JOWS Fotografie ist ein Subunternehmen der JOWS System Solutions GmbH um Services der Fotografie anzubieten. Über JOWS Fotografie werden Dienstleistungen im Rahmen der Fotografie angeboten. Dazu gehören Auftragsarbeiten (TfP oder Pay), Weitergabe von Wissen durch Fototouren oder Workshops, sowie die künstlerische Fotografie durch Finart-Prints.

Personenaufnahmen können Outdoor OnLocation oder in Studios durchgeführt werden. Neuerdings besteht eine Partnerschaft mit SH-Fotografen in Neumünster und eigenem Studio. Für Studioaufnahmen kann außerdem auf mehrere andere Studios als Mietlocations im Raum Hamburg/Schleswig-Holstein zurückgegriffen werden. Außerdem ist auch eine mobile Lichtanlage vorhanden, die an so gut wie jedem gewünschten Ort zum Einsatz kommen kann.

Die JOWS System Solutions GmbH wurde von ihrem Gesellschafter Geschäftsführer Jörg Schmidt im Jahre 1999 gegründet, um eine rechtliche Basis für geschäftlichen Aktivitäten zu besitzen und die Kunden, sowie sich selber im Rahmen der Deutschen Gesetzgebung abzusichern.

Mrz 212013
 

Jörg Schmidt kam schon im Alter von 8 Jahren in Kontakt mit der Fotografie als er seine erste Kamera geschenkt bekam, einige Jahre später war die erste Spiegelreflexkamera fällig, die damals selbstverständlich manuell zu bedienen war. Seitdem setzte sich die Leidenschaft zur Fotografie mit Höhen und Tiefen kontinuierlich fort und durchlief alle Stufen der Entwicklung in der Fotografie.

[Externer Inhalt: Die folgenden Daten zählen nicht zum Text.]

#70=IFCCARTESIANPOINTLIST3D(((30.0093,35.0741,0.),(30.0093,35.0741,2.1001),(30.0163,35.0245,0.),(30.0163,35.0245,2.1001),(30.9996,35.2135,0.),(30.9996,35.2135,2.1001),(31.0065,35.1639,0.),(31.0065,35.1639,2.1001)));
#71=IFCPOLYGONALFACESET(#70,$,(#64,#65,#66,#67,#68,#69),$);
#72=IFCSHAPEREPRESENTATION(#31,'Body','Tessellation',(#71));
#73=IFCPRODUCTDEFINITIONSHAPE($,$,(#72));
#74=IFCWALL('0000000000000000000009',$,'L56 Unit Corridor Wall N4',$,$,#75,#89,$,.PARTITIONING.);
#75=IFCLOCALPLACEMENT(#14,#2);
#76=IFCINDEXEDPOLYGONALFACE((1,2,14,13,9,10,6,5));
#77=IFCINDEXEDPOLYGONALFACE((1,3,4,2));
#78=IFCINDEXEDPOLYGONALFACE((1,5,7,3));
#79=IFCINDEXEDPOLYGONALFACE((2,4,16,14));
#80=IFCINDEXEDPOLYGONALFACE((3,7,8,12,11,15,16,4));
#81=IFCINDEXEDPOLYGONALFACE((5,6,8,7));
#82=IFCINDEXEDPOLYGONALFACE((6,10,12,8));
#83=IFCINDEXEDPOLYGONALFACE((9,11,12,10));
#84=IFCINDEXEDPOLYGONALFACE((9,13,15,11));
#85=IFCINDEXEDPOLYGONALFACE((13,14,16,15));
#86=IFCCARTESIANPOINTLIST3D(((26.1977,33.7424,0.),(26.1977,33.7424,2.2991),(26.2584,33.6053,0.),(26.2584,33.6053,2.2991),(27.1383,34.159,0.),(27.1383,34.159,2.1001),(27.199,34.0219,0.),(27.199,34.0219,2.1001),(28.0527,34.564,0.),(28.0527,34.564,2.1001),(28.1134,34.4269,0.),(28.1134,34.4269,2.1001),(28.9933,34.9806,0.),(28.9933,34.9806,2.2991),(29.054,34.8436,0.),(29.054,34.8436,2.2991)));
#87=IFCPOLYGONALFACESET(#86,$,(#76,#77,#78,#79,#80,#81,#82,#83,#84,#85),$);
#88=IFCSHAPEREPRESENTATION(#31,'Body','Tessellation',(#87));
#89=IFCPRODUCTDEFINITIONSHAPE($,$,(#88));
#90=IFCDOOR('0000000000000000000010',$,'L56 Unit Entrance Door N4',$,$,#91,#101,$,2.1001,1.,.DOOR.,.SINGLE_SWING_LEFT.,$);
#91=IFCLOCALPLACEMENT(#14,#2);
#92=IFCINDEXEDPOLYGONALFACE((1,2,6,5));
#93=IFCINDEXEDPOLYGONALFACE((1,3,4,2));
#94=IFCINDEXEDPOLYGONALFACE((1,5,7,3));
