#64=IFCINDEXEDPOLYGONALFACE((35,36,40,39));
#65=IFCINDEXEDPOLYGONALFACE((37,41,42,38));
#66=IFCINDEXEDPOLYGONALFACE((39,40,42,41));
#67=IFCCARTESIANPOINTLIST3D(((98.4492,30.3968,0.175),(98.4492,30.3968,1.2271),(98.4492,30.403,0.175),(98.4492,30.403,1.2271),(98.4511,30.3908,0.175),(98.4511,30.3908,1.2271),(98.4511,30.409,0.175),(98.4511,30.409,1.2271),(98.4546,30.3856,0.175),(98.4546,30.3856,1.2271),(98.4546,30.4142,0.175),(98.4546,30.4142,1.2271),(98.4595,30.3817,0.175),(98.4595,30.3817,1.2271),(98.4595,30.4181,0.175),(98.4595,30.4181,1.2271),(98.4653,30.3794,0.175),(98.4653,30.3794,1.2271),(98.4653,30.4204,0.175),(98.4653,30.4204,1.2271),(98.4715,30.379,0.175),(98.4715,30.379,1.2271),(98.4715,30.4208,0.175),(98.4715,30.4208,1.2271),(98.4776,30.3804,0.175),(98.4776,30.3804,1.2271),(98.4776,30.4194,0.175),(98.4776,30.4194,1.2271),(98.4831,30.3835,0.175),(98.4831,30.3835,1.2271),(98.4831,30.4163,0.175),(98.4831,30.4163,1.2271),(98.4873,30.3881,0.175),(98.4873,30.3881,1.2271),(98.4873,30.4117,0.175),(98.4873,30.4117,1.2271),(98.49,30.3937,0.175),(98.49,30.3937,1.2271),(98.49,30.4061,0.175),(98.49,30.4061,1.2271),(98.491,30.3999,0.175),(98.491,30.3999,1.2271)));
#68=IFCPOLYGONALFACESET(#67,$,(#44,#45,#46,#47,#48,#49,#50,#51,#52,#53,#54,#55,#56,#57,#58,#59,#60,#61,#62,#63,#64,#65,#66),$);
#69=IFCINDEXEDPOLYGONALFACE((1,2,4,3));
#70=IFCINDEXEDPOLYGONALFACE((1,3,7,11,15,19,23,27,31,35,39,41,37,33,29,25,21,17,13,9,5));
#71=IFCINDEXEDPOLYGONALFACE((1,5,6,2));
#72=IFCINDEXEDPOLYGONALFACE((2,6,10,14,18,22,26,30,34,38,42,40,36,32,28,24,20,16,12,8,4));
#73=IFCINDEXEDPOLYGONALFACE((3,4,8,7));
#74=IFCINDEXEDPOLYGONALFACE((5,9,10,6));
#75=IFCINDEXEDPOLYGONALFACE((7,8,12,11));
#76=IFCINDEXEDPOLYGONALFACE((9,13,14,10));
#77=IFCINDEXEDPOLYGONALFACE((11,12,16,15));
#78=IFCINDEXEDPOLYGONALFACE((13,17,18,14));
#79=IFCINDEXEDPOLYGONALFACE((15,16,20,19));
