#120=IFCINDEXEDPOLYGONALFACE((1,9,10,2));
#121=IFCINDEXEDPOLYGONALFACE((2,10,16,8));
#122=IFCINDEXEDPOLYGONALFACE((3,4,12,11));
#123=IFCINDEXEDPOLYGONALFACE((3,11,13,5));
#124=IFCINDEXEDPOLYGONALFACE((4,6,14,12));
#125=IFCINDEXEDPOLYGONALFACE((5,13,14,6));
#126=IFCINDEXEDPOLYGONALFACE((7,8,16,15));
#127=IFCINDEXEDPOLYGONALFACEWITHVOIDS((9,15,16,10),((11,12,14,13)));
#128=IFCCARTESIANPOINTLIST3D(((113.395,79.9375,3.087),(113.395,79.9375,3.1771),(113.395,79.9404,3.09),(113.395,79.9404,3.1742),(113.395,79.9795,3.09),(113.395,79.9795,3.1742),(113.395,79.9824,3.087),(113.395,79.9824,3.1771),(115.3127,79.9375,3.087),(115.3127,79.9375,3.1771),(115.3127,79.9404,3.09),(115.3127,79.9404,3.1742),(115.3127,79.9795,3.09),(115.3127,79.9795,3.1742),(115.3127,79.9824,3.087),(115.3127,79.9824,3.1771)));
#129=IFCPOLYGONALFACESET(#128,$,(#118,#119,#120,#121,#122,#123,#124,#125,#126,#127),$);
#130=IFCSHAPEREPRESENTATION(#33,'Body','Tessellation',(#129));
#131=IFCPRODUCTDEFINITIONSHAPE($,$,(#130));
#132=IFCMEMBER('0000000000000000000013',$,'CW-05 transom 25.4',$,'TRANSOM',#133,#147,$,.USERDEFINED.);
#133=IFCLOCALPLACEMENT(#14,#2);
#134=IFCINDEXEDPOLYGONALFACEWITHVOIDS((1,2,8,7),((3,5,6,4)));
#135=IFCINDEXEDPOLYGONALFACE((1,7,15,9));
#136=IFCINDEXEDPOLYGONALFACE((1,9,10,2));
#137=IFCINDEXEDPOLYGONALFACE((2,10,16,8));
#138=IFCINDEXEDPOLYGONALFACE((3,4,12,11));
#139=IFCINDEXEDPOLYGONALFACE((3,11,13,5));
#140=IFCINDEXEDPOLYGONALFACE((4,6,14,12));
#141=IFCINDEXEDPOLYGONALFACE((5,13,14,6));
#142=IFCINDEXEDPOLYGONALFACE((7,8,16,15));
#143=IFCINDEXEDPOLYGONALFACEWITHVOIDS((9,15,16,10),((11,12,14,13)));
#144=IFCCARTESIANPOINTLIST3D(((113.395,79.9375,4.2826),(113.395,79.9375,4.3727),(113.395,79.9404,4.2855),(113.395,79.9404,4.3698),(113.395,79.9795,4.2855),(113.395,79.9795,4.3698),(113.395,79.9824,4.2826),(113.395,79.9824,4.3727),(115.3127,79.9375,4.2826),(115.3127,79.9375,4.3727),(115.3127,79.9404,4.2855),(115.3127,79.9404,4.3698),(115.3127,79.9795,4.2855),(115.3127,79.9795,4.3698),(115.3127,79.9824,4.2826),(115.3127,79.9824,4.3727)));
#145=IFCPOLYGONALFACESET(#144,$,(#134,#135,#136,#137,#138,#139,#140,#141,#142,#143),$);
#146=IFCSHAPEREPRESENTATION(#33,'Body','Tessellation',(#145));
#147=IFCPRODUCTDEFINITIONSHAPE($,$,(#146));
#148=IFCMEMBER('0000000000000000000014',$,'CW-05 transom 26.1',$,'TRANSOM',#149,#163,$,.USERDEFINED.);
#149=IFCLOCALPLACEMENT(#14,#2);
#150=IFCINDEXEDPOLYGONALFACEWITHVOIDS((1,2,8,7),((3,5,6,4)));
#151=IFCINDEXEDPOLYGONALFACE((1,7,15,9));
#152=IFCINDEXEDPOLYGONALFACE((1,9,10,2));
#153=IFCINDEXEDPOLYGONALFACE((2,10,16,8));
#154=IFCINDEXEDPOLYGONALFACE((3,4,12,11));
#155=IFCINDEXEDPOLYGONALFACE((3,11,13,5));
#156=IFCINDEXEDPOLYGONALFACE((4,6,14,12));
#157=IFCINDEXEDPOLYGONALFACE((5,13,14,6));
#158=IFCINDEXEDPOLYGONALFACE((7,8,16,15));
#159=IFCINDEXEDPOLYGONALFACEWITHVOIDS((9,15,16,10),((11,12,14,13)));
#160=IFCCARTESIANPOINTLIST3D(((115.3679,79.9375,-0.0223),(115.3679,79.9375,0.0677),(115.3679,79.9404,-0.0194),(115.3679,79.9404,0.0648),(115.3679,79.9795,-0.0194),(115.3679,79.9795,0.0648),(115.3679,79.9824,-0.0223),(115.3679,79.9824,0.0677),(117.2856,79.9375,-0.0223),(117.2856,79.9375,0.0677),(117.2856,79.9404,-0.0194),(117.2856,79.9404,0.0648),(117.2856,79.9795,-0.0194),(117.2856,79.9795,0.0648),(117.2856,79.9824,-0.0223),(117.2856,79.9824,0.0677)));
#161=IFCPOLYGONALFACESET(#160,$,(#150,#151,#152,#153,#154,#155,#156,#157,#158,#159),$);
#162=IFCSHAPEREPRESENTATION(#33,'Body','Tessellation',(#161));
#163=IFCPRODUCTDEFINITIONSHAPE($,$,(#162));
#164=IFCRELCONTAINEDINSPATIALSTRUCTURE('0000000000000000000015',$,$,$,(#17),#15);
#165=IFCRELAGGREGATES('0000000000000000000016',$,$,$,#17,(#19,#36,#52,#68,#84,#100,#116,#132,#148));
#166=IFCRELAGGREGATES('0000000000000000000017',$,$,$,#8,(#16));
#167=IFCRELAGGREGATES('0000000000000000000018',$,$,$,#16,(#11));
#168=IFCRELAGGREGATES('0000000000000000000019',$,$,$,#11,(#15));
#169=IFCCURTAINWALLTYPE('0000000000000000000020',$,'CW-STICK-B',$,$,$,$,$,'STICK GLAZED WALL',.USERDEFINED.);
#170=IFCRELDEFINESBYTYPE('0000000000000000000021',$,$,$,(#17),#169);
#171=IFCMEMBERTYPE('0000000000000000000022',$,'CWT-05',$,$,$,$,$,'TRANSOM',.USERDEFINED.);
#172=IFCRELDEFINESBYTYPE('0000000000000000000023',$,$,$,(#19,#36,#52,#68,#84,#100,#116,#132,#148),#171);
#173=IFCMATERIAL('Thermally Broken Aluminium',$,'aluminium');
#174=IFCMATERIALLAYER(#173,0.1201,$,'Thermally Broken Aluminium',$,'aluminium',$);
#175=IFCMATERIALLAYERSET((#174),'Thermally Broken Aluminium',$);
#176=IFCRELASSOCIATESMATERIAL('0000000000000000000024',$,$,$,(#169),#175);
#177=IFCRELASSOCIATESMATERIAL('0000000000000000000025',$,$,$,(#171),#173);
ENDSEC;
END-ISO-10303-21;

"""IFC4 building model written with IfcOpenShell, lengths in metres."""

Als digitale Spiegelreflexkameras auch für Privatleute erschwinglich wurden, nahm das Interesse schlagartig zu und ist auch bis heute ungebrochen. Durch Besuche verschiedenster Workshops, intensiven Lesen von Fachbüchern und viel Probieren hat Jörg Schmidt sich ein tiefgehendes theoretisches und praktisches Wissen in der digitalen Fotografie angeeignet und auch sehr viel praktisch ausgetestet. Außerdem steht er in regelmäßigem Ideen-Austausch mit anderen Fotografen.

Im Laufe der Zeit kristallisierten sich besonders Personen-, Natur- und Kunstfotografie als Interessenschwerpunkte heraus. Dazu gehören vor Allem das Spiel mit Licht, Schärfe bzw. Unschärfe und in Verbindung damit Langzeitbelichtungen mit allem was diese möglich machen, außerdem auch spezielle Optiken wie Lensbaby, Holga, spezielle Filter etc. Ein wichtiger Aspekt dieser Fotografie-Sparten ist, daß hier nur geringe Grenzen gesetzt sind, die die Kreativität einschränken.

Um dem Ganzen noch einen professionellen Charakter zu verleihen hat Jörg Schmidt 2012 noch den Kurs für professionelle Fotografie des Fotografieinstituts erfolgreich abgeschlossen und an der die Imaging School 2012/2013 teilgenommen.